Infine, ottenere 5,31 grammi di polvere giallastra relativamente pura NB carbossi. Preparare una soluzione omogenea di gelatina sciogliendo cinque grammi di gelatina in 100 millilitri di acqua deionizzata e conservata a 37 gradi Celsius per un lotto di modifica. Dopo aver definito il rapporto di alimentazione come descritto nel manoscritto, sciogliere 1.060 milligrammi di carbossidi NB in cinque millilitri di dimetilsolfossido.
Per attivare i gruppi carbossilici della carbossile NB, aggiungere 746 milligrammi di 1-3-etilcarbodimide cloridrato nella soluzione di carbossimetilsolfossido NB e mescolare per cinque minuti. Dopo che l'1-3-etilcarbodimide cloridrato si è sciolto, aggiungere 448 milligrammi di N-idrossisuccinimide e mescolare per cinque minuti. Utilizzare un imbuto a goccia per far cadere lentamente la miscela ad una velocità di 0,5 millilitri al minuto nella soluzione di gelatina disciolta con agitazione vigorosa per reagire a 45 gradi Celsius per quattro ore.
Dopo aver dializzato la soluzione di gelatina NB contro l'acqua deionizzata in eccesso per almeno tre giorni, raccogliere, congelare e liofilizzare per ottenere le schiume gelatina-NB. Tenere le schiume in un essiccato al buio per un ulteriore utilizzo. Sciogliere le schiume gelatinose gelatinose-NB liofilizzate in acqua deionizzata a 37 gradi Celsius immediatamente prima dell'uso.
Sono state ottenute le immagini SEM della superficie corneale lesa e della superficie corneale trattata con rivestimento proteico gelatina-NB-4, dimostrando che la morfologia della proteina gelatina-NB-4 aderisce alla superficie corneale. Tuttavia, una superficie corneale danneggiata trattata con nulla o gelatina appare liscia. Le immagini a fluorescenza della superficie del colon dei topi marcata da gelatina e rivestimento molecolare di gelatina-NB mostrano che la gelatina-NB marcata fluorescentmente ha la capacità di aderire al tessuto intestinale e formare un rivestimento denso.

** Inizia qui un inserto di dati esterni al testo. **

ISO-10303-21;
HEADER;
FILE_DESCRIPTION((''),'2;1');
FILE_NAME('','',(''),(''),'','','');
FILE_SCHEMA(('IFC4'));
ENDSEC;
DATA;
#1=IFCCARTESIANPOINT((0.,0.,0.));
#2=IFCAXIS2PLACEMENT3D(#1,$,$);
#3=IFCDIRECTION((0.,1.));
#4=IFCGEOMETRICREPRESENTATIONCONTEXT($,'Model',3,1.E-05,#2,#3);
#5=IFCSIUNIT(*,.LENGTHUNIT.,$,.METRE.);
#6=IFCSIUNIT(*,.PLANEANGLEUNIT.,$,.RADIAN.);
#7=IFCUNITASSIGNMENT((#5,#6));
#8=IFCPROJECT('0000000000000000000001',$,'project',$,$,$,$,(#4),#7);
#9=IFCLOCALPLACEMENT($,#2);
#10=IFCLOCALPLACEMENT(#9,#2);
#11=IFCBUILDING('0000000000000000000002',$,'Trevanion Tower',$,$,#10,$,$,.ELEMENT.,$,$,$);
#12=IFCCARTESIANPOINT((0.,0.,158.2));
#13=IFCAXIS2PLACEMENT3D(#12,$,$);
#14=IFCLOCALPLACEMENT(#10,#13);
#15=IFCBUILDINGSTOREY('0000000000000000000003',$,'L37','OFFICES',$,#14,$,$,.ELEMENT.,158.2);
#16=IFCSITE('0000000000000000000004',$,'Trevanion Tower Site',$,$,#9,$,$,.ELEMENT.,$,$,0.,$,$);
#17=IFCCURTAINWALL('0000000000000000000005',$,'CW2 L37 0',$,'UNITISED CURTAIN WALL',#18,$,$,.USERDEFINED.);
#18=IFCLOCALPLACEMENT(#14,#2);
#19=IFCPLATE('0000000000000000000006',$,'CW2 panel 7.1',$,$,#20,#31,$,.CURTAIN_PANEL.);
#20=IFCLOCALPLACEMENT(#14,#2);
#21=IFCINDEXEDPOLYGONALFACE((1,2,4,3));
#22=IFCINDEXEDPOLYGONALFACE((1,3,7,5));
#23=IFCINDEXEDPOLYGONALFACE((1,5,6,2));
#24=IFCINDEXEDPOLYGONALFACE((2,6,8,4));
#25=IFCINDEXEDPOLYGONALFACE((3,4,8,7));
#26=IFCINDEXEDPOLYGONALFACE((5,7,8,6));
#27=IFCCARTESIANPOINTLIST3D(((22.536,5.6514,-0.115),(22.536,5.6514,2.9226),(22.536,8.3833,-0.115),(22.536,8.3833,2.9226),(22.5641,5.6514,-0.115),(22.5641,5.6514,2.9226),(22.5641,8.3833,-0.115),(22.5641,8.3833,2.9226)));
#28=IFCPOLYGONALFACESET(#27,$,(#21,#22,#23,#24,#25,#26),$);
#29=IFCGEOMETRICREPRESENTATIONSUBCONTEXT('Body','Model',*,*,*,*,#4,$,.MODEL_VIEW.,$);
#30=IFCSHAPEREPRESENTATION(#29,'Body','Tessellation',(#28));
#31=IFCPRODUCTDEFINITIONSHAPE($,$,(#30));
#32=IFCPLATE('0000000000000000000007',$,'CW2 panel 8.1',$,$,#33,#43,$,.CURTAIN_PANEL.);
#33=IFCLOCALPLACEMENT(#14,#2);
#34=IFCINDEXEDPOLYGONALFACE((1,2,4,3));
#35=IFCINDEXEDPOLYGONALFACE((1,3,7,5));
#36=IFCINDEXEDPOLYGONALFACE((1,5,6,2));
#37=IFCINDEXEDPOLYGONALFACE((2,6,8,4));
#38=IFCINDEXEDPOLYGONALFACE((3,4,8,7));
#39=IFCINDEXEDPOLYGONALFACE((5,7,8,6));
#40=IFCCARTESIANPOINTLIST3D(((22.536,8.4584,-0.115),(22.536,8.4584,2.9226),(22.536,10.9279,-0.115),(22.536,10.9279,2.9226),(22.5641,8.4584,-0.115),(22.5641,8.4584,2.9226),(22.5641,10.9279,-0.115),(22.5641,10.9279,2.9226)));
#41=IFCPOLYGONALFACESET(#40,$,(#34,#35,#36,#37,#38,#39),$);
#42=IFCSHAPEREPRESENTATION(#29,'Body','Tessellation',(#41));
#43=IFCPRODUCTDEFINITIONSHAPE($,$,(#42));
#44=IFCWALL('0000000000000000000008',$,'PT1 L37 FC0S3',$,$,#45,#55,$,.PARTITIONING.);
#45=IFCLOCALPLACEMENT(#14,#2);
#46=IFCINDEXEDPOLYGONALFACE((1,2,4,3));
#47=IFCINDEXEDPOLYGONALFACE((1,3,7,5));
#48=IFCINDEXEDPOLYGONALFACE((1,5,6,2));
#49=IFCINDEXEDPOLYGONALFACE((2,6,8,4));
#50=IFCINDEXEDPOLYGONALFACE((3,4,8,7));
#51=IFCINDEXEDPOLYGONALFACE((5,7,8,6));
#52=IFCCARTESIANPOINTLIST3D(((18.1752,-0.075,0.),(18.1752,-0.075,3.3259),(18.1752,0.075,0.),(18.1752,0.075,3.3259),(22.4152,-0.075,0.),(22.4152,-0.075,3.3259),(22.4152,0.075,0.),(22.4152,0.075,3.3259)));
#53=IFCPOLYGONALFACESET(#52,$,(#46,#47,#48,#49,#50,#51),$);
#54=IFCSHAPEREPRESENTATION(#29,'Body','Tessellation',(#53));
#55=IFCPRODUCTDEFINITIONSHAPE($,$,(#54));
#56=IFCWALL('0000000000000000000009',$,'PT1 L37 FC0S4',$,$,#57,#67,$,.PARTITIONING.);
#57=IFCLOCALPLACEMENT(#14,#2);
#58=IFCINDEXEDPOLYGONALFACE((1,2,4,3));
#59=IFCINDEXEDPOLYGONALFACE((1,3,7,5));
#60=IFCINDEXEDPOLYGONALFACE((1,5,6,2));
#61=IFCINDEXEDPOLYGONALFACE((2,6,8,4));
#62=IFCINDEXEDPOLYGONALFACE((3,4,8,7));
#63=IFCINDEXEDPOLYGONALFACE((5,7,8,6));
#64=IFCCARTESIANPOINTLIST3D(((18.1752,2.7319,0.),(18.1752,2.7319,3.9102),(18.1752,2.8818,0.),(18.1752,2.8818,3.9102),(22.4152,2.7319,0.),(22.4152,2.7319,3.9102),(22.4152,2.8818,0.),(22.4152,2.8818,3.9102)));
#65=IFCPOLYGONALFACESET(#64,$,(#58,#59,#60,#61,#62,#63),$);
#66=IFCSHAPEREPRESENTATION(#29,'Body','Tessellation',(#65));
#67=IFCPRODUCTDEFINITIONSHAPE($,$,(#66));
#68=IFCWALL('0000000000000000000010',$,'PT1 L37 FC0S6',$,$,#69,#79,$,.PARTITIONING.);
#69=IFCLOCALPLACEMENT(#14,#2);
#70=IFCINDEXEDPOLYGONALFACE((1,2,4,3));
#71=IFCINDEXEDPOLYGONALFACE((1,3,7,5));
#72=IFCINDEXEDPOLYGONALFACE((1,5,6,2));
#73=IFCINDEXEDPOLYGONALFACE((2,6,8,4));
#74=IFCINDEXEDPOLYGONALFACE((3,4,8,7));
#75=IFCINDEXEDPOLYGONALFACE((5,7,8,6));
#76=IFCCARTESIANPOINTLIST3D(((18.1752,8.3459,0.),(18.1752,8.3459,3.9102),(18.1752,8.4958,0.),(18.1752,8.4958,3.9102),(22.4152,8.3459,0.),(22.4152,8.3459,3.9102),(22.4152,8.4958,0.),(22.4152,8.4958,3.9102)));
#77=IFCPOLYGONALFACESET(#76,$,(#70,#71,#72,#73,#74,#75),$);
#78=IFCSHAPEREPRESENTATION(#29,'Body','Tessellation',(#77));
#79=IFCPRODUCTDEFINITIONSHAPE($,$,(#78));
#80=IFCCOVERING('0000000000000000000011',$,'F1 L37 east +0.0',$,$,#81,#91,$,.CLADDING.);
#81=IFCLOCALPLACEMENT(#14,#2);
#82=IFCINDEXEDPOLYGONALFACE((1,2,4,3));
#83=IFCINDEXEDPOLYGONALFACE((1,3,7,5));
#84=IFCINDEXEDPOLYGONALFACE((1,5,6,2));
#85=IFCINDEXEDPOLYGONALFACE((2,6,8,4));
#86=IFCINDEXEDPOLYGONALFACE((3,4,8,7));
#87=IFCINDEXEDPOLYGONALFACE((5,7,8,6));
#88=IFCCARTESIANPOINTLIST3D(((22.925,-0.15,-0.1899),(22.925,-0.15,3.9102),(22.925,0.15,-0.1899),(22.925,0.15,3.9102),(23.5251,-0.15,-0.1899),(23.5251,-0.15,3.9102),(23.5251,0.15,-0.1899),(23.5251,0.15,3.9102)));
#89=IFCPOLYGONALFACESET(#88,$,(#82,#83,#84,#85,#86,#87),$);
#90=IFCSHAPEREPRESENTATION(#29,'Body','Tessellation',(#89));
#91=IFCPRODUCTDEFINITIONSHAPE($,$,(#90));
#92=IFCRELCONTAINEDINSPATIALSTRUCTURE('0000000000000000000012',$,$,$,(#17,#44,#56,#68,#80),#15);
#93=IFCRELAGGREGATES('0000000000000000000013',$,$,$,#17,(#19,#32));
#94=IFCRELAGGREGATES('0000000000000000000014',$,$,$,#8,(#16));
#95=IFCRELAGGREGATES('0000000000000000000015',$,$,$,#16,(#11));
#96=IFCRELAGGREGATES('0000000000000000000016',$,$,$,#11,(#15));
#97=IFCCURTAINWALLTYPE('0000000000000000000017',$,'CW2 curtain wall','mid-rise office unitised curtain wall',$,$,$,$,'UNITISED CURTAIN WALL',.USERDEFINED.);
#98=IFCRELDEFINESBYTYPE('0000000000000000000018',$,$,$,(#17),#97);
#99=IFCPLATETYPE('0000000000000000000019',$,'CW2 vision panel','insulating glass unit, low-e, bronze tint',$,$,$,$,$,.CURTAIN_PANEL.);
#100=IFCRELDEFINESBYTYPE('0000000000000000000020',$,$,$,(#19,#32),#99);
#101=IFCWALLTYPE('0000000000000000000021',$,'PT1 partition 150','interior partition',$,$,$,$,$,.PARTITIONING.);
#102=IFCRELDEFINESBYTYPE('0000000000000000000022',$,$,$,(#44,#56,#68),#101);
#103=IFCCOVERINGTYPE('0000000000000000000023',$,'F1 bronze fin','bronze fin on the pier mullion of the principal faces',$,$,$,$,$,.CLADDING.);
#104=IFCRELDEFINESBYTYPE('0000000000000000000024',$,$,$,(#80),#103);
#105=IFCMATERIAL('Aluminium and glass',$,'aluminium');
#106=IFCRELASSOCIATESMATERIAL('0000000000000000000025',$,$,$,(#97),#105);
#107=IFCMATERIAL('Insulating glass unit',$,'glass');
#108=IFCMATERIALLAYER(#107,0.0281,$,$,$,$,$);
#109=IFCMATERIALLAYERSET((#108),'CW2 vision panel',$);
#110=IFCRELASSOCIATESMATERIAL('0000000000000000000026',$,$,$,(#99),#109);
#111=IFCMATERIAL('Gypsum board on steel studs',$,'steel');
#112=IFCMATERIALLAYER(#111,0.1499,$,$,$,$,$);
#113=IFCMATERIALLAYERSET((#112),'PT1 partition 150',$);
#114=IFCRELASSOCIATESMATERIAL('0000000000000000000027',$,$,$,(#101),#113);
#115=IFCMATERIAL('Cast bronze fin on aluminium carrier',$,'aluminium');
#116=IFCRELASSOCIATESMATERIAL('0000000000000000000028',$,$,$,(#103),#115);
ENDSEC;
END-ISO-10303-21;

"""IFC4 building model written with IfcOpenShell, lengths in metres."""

from ifc_helpers import new_model, si_unit, direction, frame, frame_2d, origin, origin_2d, place, context, subcontext, project, spatial, rectangle, extrude, material, layer, layer_set, type_object, element, aggregate, save


model = new_model("IFC4")

# Units and contexts
model_context = context("Model", 3, precision=1e-05, world=origin(), true_north=direction((0.0, 1.0)))
body_context = subcontext(model_context, "Body", "Model", "MODEL_VIEW")
ifc_project = project(units=[si_unit("LENGTHUNIT", "METRE"), si_unit("PLANEANGLEUNIT", "RADIAN")], contexts=[model_context])

# Site, building, storey
site_placement = place(None, origin())
site = spatial("IfcSite", under=ifc_project, at=site_placement, Name="Trevanion Tower Site", CompositionType="ELEMENT", RefElevation=0.0)
building_placement = place(site_placement, origin())
building = spatial("IfcBuilding", under=site, at=building_placement, Name="Trevanion Tower", CompositionType="ELEMENT")
storey_placement = place(building_placement, frame((0.0, 0.0, 158.2)))
storey = spatial("IfcBuildingStorey", under=building, at=storey_placement, Name="L37", Description="OFFICES", CompositionType="ELEMENT", Elevation=158.2)

# Curtain wall
ifc_material_1 = material(Name="Aluminium and glass", Category="aluminium")
curtain_wall_type = type_object("IfcCurtainWallType", Name="CW2 curtain wall", Description="mid-rise office unitised curtain wall", ElementType="UNITISED CURTAIN WALL", PredefinedType="USERDEFINED", material=ifc_material_1)
curtain_wall_placement = place(storey_placement, origin())
curtain_wall = element("IfcCurtainWall", 1, at=curtain_wall_placement, inside=storey, type_object=curtain_wall_type, Name="CW2 L37 0", ObjectType="UNITISED CURTAIN WALL", PredefinedType="USERDEFINED")

# Plates
ifc_material_2 = material(Name="Insulating glass unit", Category="glass")
ifc_layer_1 = layer(ifc_material_2, 0.0281)
ifc_layer_set_1 = layer_set([ifc_layer_1], Name="CW2 vision panel")
plate_type_1 = type_object("IfcPlateType", Name="CW2 vision panel", Description="insulating glass unit, low-e, bronze tint", PredefinedType="CURTAIN_PANEL", material=ifc_layer_set_1)
plate_1_placement = place(storey_placement, frame((22.55, 7.0173, -0.115), z_axis=(0.0, 0.0, 1.0), x_axis=(0.0, 1.0, 0.0)))
plate_1 = element("IfcPlate", 2, at=plate_1_placement, type_object=plate_type_1, Name="CW2 panel 7.1", PredefinedType="CURTAIN_PANEL", context=body_context, shape_type="SweptSolid", body=[
    extrude(rectangle(XDim=2.7319, YDim=0.0281, at=origin_2d()), origin(), (0.0, 0.0, 1.0), 3.0376),
])
plate_2_placement = place(storey_placement, frame((22.55, 9.6931, -0.115), z_axis=(0.0, 0.0, 1.0), x_axis=(0.0, 1.0, 0.0)))
plate_2 = element("IfcPlate", 3, at=plate_2_placement, type_object=plate_type_1, Name="CW2 panel 8.1", PredefinedType="CURTAIN_PANEL", context=body_context, shape_type="SweptSolid", body=[
    extrude(rectangle(XDim=2.4695, YDim=0.0281, at=origin_2d()), origin(), (0.0, 0.0, 1.0), 3.0376),
])
aggregate(curtain_wall, [plate_1, plate_2])

# Walls
ifc_material_3 = material(Name="Gypsum board on steel studs", Category="steel")
ifc_layer_2 = layer(ifc_material_3, 0.1499)
ifc_layer_set_2 = layer_set([ifc_layer_2], Name="PT1 partition 150")
wall_type = type_object("IfcWallType", Name="PT1 partition 150", Description="interior partition", PredefinedType="PARTITIONING", material=ifc_layer_set_2)
wall_placement = place(storey_placement, frame((18.175, 0.0, 0.0), z_axis=(0.0, 0.0, 1.0), x_axis=(1.0, 0.0, 0.0)))
element("IfcWall", 4, at=wall_placement, inside=storey, type_object=wall_type, Name="PT1 L37 FC0S3", PredefinedType="PARTITIONING", context=body_context, shape_type="SweptSolid", body=[
    extrude(rectangle(XDim=4.24, YDim=0.1499, at=frame_2d((2.1201, 0.0))), origin(), (0.0, 0.0, 1.0), 3.3259),
])
for number, where, z_axis, x_axis, name in (
    (5, (18.175, 2.8069, 0.0), (0.0, 0.0, 1.0), (1.0, 0.0, 0.0), "PT1 L37 FC0S4"),
    (6, (18.175, 8.4209, 0.0), (0.0, 0.0, 1.0), (1.0, 0.0, 0.0), "PT1 L37 FC0S6"),
):
    element("IfcWall", number, at=place(storey_placement, frame(where, z_axis=z_axis, x_axis=x_axis)), inside=storey, type_object=wall_type, Name=name, PredefinedType="PARTITIONING", context=body_context, shape_type="SweptSolid", body=[
        extrude(rectangle(XDim=4.24, YDim=0.1499, at=frame_2d((2.1201, 0.0))), origin(), (0.0, 0.0, 1.0), 3.9102),
    ])

# Covering
ifc_material_4 = material(Name="Cast bronze fin on aluminium carrier", Category="aluminium")
covering_type = type_object("IfcCoveringType", Name="F1 bronze fin", Description="bronze fin on the pier mullion of the principal faces", PredefinedType="CLADDING", material=ifc_material_4)
covering_placement = place(storey_placement, frame((23.2251, 0.0, -0.1899), z_axis=(0.0, 0.0, 1.0), x_axis=(0.0, 1.0, 0.0)))
element("IfcCovering", 7, at=covering_placement, inside=storey, type_object=covering_type, Name="F1 L37 east +0.0", PredefinedType="CLADDING", context=body_context, shape_type="SweptSolid", body=[
    extrude(rectangle(XDim=0.3, YDim=0.6001, at=origin_2d()), origin(), (0.0, 0.0, 1.0), 4.1001),
])

save(model, "model.ifc")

Tuttavia, l'intensità della fluorescenza del gruppo gelatina è molto debole, indicando che non riesce ad aderire saldamente alla parete intestinale. Le immagini di fluorescenza della gelatina etichettata e delle piastre aminate trattate con rivestimento molecolare gelatina-NB a zero e 24 ore mostrano che entrambi possono inizialmente aderire alla piastra. Dopo aver versato PBS e cambiato la piastra aminata ogni quattro ore per 24 ore, solo la gelatina-NB mantiene una forte fluorescenza, indicando che aderisce fortemente.
La spettroscopia fotonica a raggi X del legame gelatina-NB-4 ha dimostrato che gli spettri di una superficie corneale e di una superficie trattata con gelatina sono gli stessi. Tuttavia, un picco extra appare a 400 elettronvolt, indicando la formazione di molti legami CN nel tessuto dopo il trattamento con gelatina-NB attivata UV. La cosa più importante da ricordare è che quando si sintetizza la gelatina-NB in diverse condizioni di applicazione, è necessario impostare il gradiente FR pre-esperimento per esplorare il miglior effetto di attenzione.
Questa tecnica può aprire la strada allo sviluppo della medicina biosintetica e rigenerativa. I ricercatori possono fare riferimento al video per modificare il gruppo per soddisfare le esigenze biomediche.